Taarab, which in Arabic means “having fun with music,” is a popular musical style in Kenya and Tanzania. It shows influences from the Middle East, South Asia, Sub-Saharan Africa, and other places. The harmonium and single-headed drums, both from Asia, are used in this song. The lyrics are sung in the local Kiswahili language and are set up in the traditional Swahili verse form.

Kuliepuka Shari

This piece of taarab music shows the Middle Eastern and Indian influences that are also found in many foods and crafts from coastal Kenya. The band Lelele Afrika is from the coastal town of Lamu. 
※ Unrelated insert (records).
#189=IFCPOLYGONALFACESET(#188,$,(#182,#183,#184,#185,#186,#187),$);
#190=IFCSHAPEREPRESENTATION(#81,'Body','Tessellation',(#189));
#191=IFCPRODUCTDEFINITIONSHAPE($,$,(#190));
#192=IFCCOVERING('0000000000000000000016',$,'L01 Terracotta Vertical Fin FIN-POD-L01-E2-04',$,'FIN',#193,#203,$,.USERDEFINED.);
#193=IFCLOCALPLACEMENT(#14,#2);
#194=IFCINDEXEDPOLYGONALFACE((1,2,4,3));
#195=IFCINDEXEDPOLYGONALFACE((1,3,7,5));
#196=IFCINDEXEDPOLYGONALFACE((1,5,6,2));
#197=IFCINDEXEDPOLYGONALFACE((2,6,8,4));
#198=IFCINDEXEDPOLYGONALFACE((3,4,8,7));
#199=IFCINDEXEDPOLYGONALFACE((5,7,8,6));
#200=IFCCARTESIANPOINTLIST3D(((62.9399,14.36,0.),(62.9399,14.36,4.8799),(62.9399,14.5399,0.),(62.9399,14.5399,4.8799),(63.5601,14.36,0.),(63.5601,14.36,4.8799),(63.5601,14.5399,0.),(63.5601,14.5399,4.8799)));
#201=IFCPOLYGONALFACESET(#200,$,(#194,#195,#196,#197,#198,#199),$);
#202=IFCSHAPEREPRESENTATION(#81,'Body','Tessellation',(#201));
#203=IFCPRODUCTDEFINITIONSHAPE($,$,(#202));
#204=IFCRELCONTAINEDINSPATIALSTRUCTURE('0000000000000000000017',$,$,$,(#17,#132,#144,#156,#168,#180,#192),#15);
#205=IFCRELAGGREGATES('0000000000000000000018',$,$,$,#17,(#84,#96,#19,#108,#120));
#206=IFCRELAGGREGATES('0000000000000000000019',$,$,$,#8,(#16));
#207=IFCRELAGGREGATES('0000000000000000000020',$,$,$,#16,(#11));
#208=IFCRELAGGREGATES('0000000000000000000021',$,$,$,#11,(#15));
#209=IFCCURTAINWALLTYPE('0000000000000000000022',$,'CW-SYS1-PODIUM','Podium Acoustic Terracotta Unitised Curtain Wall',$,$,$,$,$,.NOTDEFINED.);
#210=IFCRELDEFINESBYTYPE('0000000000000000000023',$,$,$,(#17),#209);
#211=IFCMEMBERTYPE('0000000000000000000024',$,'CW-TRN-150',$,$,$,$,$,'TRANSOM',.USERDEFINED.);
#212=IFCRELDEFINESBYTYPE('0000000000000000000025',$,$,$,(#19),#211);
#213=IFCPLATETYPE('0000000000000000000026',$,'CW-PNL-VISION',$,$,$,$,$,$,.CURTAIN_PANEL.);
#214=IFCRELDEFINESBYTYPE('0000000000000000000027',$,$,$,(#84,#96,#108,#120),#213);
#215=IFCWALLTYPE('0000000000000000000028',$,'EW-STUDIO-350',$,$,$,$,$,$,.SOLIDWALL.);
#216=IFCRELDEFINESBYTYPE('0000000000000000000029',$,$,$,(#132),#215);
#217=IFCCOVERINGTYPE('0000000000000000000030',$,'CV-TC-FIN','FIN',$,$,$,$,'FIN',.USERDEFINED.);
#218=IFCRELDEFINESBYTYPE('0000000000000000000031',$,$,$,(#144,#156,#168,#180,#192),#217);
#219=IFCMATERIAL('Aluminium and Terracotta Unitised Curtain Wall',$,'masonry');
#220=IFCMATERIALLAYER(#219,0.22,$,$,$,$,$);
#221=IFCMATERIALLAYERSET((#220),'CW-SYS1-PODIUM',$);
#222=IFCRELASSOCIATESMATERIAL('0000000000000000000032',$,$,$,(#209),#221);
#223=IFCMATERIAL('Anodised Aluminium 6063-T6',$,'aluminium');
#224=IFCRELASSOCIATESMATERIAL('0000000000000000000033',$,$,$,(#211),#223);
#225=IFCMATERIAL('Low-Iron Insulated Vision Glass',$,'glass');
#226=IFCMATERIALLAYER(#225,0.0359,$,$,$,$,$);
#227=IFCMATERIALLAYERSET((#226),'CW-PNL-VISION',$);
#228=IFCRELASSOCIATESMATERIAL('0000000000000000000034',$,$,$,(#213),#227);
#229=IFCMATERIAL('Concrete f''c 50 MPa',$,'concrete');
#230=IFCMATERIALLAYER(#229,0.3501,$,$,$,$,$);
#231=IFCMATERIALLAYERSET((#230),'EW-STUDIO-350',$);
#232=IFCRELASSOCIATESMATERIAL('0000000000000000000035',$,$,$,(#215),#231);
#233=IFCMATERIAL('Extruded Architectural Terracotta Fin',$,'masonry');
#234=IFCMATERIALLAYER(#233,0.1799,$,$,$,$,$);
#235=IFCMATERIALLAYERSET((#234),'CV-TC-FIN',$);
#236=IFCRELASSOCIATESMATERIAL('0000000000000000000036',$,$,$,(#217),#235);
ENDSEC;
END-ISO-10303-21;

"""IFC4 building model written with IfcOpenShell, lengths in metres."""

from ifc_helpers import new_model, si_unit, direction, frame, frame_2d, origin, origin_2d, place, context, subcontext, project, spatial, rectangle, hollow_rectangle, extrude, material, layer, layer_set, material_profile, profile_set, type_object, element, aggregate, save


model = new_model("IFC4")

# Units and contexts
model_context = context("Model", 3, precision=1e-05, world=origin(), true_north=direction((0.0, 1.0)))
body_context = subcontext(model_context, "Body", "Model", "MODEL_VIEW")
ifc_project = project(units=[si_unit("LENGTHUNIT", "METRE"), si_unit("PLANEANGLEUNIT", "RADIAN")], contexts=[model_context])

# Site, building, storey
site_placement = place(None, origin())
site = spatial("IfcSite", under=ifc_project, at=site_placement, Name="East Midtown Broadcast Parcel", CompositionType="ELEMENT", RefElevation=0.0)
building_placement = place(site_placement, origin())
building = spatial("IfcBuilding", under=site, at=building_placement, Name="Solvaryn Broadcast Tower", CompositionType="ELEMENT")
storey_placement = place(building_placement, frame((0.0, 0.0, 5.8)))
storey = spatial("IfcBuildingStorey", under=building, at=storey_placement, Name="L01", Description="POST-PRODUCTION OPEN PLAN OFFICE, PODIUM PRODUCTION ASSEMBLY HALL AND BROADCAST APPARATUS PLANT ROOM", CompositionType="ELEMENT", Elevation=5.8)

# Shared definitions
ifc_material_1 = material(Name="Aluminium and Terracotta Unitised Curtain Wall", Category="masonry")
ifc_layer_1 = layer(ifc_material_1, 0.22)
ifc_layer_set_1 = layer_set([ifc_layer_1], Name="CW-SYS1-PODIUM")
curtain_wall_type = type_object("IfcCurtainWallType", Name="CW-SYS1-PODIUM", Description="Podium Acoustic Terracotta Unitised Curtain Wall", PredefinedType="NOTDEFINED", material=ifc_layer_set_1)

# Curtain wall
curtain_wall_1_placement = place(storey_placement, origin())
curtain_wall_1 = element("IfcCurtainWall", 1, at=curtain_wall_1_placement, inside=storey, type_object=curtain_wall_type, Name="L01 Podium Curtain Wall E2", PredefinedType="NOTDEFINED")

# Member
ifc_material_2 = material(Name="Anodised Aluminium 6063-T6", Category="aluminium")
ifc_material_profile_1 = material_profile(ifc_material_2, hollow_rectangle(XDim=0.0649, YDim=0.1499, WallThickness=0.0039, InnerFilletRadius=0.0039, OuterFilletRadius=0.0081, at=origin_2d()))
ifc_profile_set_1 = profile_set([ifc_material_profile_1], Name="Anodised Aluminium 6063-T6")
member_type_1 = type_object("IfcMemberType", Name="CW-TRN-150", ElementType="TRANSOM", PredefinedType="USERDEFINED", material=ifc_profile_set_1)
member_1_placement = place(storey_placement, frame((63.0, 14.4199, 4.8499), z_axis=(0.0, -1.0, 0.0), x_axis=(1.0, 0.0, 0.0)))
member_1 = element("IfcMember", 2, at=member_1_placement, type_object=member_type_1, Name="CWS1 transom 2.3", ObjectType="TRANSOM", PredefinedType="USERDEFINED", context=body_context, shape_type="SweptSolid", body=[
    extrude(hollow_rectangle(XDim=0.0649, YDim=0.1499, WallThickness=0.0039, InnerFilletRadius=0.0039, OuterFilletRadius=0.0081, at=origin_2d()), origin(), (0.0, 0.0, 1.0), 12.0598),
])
This song is a new addition to the Spotlight on Kenyan Music series, which is an effort by the Alliance Francaise de Nairobi, Ketebul Music, and others to find and promote Kenyan musical talent.

People Also Ask

What Is Kenyan Music Called?

The Swahili sound and the Congolese sound are the two main types of pop music that Kenyan bands play. Both are based on the Democratic Republic of the Congo’s soukous.

Swahili music is different from other styles because it has a much slower beat. However, the two styles have been mixing more and more in the last few decades.

What Is Kenya’s Traditional Music And Dance?

You can see the beautiful Maasai Eunoto dance, the Kikuyu Circumcision dance, the amazing Chuka drummers, the coastal Sengenya and Gonda dances, the Swahili Taarab dance, the NubiDholuka dance, and many more.

What Is Traditional Music Called?

Folk music is a type of traditional music that is passed down through families and other small groups of people. Folk music, like folk literature, is usually passed down by word of mouth; people learn it by hearing it rather than reading it.


There is no single style of music that is popular in Kenya. Instead, there are many different styles that borrow from each other and mix with each other. But Kenyans have made their traditional music one of the most important kinds of music in Africa.